In recent years, posterior osteotomy and posterior VCR (PVCR) have gained popularity in the treatment of severe rigid scoliosis. Some authors offer PVCR as the first choice for treating severe, rigid kyphoscoliosis and angular kyphosis31; however, the reported prevalence of complications ranges from 34.3% to 64.3%. Suk et al11 reported a series of 16 patients who underwent a posterior-only VCR, with the mean preoperative scoliosis curve of 109° and correction rate of 59%. However, complications were seen in 4 patients, including complete permanent paralysis in 1 patient. Saifi et al32 reported 50% to 70% correction in severe rigid coronal or sagittal malalignment after vertebral column resection, but the technique was associated with significant morbidity. Lenke et al33 reported on PVCR in a series of 35 patients for severe pediatric spinal deformity, with an average preoperative scoliosis of 115° (79°–150°) corrected to 61° (51%). A single-level osteotomy will not affect the flexibility of the spinal segment above and below the osteotomy and cannot achieve 3-dimensional correction of spinal deformity. In a retrospective study, Zhang et al34 compare the efficacy and safety of posterior multiple-level asymmetrical Ponte osteotomies and posterior vertebral column resection for severe and rigid adult idiopathic scoliosis, and they suggested that multiple asymmetrical Ponte osteotomy is a safe, easy-to-operate, and effective technique that can gain correction outcomes similar to those of VCR, offering the advantages of reduced complications, operation time, and blood loss. Some authors29 have performed apical Smith Peterson osteotomy for thoracic scoliosis with more than 100°. The technique we used in our study was multiple asymmetric Ponte osteotomy to correct both sagittal and coronal plan deformity. The final correction rate of our study revealed 64.2%, which was comparable with those in previous studies.

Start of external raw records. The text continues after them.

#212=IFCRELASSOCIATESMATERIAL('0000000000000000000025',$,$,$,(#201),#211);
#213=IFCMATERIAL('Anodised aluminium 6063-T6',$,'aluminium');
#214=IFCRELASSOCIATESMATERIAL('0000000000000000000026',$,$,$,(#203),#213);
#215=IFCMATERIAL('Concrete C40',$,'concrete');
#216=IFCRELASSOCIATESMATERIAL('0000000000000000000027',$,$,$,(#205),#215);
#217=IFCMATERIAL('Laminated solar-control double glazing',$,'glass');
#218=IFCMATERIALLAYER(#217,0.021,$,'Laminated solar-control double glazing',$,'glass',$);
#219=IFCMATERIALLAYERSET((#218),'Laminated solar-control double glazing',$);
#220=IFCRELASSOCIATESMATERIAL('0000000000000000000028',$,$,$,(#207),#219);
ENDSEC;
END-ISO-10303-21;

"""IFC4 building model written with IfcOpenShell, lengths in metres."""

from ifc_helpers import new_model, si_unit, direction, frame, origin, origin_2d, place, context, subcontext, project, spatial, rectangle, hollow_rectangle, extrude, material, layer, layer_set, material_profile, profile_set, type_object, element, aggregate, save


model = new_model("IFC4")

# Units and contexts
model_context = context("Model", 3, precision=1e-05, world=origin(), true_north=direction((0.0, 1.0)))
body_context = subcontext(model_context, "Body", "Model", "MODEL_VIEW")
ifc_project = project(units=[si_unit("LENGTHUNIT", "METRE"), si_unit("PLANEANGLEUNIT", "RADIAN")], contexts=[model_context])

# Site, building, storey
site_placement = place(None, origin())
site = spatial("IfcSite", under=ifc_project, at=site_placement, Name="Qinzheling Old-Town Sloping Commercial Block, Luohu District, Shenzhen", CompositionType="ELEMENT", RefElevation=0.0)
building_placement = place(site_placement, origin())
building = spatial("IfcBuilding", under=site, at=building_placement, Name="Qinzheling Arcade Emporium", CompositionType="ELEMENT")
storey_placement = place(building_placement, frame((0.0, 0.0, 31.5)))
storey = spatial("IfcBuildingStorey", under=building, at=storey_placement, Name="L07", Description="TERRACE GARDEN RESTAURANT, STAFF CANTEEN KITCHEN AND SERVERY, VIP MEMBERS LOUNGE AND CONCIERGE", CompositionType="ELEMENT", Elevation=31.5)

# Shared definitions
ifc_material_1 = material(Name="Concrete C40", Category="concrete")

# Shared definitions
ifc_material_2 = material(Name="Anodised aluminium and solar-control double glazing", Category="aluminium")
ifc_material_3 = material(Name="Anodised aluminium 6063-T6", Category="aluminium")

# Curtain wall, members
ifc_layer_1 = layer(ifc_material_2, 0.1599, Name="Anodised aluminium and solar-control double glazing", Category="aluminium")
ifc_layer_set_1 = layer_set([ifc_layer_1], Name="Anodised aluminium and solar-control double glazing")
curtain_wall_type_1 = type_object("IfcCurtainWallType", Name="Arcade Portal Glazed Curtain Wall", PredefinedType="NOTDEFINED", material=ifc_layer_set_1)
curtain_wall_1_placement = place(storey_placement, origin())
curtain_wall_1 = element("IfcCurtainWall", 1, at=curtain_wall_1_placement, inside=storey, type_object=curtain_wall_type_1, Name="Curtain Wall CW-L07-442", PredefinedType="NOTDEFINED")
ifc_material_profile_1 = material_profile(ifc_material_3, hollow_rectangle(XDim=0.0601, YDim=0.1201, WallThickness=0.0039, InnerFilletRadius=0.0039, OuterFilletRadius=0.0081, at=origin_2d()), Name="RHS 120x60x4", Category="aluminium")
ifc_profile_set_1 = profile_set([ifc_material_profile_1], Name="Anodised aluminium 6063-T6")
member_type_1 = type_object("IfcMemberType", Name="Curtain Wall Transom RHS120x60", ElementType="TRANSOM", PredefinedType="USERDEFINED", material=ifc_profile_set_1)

This study has several drawbacks, mainly arising from its retrospective nature. There was a limited number of patients in this study, making statistical analysis difficult. In addition, the absence of a control group and the lack of preoperative SRS-30 scores pose a difficulty in interpreting and comparing the clinical outcomes.
CONCLUSION
According to the results of the present study, we found that a posterior-only procedure in patients with severe and rigid adolescent idiopathic scoliosis could provide deformity correction, coronal and sagittal balance, and complications comparable with other procedures. This technique can eliminate the need for the anterior release, with the associated complications related to the anterior surgery, in the treatment of severe rigid scoliosis.
Footnotes
Disclosures and COI: There were no conflicts of interest. This work was supported by Tehran University of Medical Sciences.